We used `gpt-4o-2024-05-13` for LLM-as-a-judge.

### Heron Bench

| Models | LLM-as-a-judge score (%) | 
|---|:---:|
| [Japanese InstructBLIP Alpha](https://huggingface.co/stabilityai/japanese-instructblip-alpha) | 14.0 | 
| [Japanese Stable VLM](https://huggingface.co/stabilityai/japanese-stable-vlm) | 24.2 | 
| [Llama-3-EvoVLM-JP-v2](https://huggingface.co/SakanaAI/Llama-3-EvoVLM-JP-v2) | 39.3 | 
| [LLaVA-CALM2-SigLIP](https://huggingface.co/cyberagent/llava-calm2-siglip) | 43.3 | 
| **llm-jp-3-vila-14b (Ours)** | 57.2 | 
| GPT-4o | 87.6 | 

### JA-VLM-Bench-In-the-Wild

| **Models** | ROUGE-L | LLM-as-a-judge score (/5.0) | 
|---|:---:|:---:|
| [Japanese InstructBLIP Alpha](https://huggingface.co/stabilityai/japanese-instructblip-alpha) | 20.8 | 2.42 | 
| [Japanese Stable VLM](https://huggingface.co/stabilityai/japanese-stable-vlm) | 23.3 | 2.47 | 
| [Llama-3-EvoVLM-JP-v2](https://huggingface.co/SakanaAI/Llama-3-EvoVLM-JP-v2) | 41.4 | 2.92 | 
| [LLaVA-CALM2-SigLIP](https://huggingface.co/cyberagent/llava-calm2-siglip) | 47.2 | 3.15 | 
| **llm-jp-3-vila-14b (Ours)** | 52.3 | 3.69 | 
| GPT-4o | 37.6 | 3.85 | 

### JA-VG-VQA-500

| **Models** | ROUGE-L | LLM-as-a-judge score (/5.0) |
|---|:---:|:---:|
| [Japanese InstructBLIP Alpha](https://huggingface.co/stabilityai/japanese-instructblip-alpha) | -- | -- |
| [Japanese Stable VLM](https://huggingface.co/stabilityai/japanese-stable-vlm) | -- | -- |
| [Llama-3-EvoVLM-JP-v2](https://huggingface.co/SakanaAI/Llama-3-EvoVLM-JP-v2) | 23.5 | 2.96 |
| [LLaVA-CALM2-SigLIP](https://huggingface.co/cyberagent/llava-calm2-siglip) | 17.4 | 3.21 |
| **llm-jp-3-vila-14b (Ours)** | 16.2 | 3.62 |
| GPT-4o | 12.1 | 3.58 |

## Risks and Limitations

The model released in this repository is in the early stages of our research and development.
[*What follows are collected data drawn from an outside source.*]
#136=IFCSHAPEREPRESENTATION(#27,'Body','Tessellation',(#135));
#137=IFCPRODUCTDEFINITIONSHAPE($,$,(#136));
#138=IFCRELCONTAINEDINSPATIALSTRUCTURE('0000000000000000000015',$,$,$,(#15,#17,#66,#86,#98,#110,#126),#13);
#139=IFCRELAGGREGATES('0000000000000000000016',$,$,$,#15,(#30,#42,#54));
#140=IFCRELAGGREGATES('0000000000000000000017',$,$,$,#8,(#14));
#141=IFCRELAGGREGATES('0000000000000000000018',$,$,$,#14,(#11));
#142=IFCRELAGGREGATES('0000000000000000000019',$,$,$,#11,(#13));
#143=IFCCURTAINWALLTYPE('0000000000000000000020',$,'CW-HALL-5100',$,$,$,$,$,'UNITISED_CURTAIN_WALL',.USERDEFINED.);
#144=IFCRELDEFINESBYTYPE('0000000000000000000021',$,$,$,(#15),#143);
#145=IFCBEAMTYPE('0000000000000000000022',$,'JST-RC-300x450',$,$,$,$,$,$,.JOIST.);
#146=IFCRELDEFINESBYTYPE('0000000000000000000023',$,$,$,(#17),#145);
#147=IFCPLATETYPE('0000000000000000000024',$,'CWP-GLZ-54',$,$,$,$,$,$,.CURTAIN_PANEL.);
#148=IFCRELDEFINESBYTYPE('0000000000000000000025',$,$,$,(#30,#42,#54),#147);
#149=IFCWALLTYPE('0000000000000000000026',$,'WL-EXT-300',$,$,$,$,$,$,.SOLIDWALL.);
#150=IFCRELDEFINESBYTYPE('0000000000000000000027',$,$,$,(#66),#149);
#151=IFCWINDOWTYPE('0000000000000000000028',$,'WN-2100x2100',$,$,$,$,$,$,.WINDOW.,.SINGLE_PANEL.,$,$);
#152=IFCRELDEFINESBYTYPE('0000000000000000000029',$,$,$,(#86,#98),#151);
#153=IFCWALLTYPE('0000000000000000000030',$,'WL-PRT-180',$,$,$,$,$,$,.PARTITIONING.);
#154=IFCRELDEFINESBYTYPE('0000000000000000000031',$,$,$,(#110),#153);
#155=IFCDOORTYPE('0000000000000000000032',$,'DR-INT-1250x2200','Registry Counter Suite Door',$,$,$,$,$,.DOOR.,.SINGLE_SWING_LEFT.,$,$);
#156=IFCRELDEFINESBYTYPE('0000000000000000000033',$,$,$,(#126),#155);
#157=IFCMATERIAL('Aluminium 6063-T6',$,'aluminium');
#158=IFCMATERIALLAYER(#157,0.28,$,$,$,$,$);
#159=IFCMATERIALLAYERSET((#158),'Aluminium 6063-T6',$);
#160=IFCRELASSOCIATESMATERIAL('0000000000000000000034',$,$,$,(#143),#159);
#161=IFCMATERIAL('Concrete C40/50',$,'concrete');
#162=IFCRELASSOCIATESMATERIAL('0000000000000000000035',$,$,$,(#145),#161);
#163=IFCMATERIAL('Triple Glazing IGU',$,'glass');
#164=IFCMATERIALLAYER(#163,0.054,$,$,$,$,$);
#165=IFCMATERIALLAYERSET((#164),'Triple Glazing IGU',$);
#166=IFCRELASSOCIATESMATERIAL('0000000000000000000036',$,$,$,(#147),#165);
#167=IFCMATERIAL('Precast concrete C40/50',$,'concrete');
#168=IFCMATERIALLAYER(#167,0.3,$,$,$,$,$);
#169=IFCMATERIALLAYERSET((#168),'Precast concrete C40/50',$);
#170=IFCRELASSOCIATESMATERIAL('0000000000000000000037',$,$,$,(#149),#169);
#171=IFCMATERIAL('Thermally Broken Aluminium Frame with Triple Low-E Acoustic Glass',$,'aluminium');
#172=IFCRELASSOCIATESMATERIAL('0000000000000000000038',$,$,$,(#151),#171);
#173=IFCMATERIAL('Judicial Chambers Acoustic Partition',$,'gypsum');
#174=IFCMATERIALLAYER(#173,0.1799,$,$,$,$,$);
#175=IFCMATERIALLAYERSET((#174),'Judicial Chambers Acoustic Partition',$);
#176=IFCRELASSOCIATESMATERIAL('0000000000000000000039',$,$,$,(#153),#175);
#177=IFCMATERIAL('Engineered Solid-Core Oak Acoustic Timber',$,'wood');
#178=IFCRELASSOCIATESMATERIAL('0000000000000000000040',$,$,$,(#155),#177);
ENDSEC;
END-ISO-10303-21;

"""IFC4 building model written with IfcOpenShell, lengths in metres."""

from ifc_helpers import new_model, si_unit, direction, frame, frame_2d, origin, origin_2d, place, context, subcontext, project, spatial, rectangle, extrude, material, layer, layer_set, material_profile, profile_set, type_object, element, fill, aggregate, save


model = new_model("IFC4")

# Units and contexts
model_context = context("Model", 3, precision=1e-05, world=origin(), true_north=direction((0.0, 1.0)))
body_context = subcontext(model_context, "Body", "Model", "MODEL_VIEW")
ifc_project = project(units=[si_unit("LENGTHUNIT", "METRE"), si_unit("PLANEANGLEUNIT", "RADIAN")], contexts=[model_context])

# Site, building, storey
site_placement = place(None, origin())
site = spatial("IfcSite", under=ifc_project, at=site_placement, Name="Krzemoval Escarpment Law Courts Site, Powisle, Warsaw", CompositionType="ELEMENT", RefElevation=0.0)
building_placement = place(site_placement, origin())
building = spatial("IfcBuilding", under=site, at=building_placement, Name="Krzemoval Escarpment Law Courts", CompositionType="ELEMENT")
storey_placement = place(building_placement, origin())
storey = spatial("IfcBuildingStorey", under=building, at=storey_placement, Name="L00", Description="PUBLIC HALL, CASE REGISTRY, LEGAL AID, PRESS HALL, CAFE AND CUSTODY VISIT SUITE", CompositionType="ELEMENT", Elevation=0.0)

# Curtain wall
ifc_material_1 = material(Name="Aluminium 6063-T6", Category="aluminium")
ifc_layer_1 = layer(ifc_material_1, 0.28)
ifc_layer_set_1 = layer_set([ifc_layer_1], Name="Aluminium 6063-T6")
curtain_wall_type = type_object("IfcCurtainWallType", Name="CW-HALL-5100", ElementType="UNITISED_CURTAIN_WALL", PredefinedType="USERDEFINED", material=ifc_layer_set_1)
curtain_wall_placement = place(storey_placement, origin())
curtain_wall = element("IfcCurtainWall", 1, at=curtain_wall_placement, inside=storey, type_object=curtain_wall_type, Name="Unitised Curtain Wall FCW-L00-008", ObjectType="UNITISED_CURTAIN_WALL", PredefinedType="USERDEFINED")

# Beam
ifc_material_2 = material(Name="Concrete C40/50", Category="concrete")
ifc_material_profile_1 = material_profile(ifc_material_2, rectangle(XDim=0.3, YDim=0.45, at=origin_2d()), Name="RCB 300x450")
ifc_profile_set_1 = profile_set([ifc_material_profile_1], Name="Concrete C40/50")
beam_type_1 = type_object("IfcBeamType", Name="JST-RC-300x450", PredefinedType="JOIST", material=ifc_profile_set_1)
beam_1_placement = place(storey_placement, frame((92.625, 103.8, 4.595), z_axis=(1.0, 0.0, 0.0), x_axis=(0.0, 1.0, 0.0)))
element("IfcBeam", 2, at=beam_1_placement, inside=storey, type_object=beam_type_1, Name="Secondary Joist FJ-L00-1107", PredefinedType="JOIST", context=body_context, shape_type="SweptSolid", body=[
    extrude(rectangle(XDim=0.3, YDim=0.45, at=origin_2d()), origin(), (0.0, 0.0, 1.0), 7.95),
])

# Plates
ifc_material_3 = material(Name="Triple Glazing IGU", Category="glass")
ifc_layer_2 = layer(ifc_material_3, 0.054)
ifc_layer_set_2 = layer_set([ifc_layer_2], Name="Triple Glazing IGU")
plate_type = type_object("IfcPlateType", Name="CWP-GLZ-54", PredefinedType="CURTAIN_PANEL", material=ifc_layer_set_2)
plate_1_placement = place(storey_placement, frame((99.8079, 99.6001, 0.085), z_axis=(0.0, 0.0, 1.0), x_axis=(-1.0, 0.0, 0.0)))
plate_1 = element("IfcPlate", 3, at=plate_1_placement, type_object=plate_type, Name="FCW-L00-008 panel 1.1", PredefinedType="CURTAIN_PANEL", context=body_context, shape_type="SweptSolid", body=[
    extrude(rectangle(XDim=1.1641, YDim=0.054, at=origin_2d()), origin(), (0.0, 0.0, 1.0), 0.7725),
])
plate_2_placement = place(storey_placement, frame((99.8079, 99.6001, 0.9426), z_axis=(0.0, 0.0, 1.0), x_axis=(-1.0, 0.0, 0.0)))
It has not been tuned such that model's outputs are aligned with social norms, ethical standards, and the law.

## License

The weights of this model are released under the [Apache License, Version 2.0](https://www.apache.org/licenses/LICENSE-2.0).
In addition, a user of this model must comply with [the OpenAI terms of use](https://openai.com/policies/terms-of-use) because the model used synthetic data generated by OpenAI GPT-4.

## Additional information

Regarding the license of the [synthdog-ja](https://huggingface.co/datasets/naver-clova-ix/synthdog-ja) dataset, there is no explicit license statement in the dataset documentation. While we attempted to contact the main corresponding author of "OCR-free Document Understanding Transformer" for clarification, we received no response.
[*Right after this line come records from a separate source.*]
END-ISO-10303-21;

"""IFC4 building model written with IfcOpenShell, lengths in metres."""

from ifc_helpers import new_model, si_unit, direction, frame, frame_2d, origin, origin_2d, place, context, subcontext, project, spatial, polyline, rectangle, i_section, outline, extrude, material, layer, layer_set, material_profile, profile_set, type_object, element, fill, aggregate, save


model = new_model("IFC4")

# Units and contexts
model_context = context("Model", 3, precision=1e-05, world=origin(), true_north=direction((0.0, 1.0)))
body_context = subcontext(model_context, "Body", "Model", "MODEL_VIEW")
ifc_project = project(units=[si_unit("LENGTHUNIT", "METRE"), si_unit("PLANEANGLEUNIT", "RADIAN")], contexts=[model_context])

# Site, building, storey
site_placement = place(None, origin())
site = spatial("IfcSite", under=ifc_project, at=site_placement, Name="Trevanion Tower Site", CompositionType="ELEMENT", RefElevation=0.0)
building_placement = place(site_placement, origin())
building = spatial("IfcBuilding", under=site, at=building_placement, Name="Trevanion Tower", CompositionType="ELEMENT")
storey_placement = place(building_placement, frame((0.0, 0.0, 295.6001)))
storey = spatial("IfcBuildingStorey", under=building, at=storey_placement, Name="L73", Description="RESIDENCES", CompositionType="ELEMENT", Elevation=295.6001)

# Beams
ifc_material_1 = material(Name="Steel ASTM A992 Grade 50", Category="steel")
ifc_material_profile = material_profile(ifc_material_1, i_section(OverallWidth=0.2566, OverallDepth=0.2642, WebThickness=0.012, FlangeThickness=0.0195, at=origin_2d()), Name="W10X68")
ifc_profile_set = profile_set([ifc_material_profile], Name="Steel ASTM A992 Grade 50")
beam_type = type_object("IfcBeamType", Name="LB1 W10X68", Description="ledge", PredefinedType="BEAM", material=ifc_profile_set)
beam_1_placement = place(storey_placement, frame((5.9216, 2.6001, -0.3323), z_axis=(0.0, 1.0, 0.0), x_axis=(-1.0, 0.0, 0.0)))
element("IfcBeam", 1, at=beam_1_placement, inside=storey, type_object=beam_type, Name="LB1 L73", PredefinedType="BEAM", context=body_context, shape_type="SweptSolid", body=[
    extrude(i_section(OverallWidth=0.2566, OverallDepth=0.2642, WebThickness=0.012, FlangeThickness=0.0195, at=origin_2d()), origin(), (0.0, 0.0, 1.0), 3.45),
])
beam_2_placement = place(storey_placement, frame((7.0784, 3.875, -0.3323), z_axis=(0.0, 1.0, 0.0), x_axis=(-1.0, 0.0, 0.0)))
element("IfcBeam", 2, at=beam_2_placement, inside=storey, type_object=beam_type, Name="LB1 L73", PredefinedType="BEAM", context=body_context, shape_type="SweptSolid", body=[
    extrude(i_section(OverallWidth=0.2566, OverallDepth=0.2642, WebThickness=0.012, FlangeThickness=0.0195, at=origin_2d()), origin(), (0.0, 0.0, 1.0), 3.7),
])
Based on the following considerations:

1. The [donut-base](https://huggingface.co/naver-clova-ix/donut-base) model trained on this dataset is released under the MIT license
2. The Wikipedia articles used in the dataset are licensed under CC-BY-SA

We have determined that the synthdog-ja dataset is most likely governed by the CC-BY-SA license, and proceeded with training under this assumption.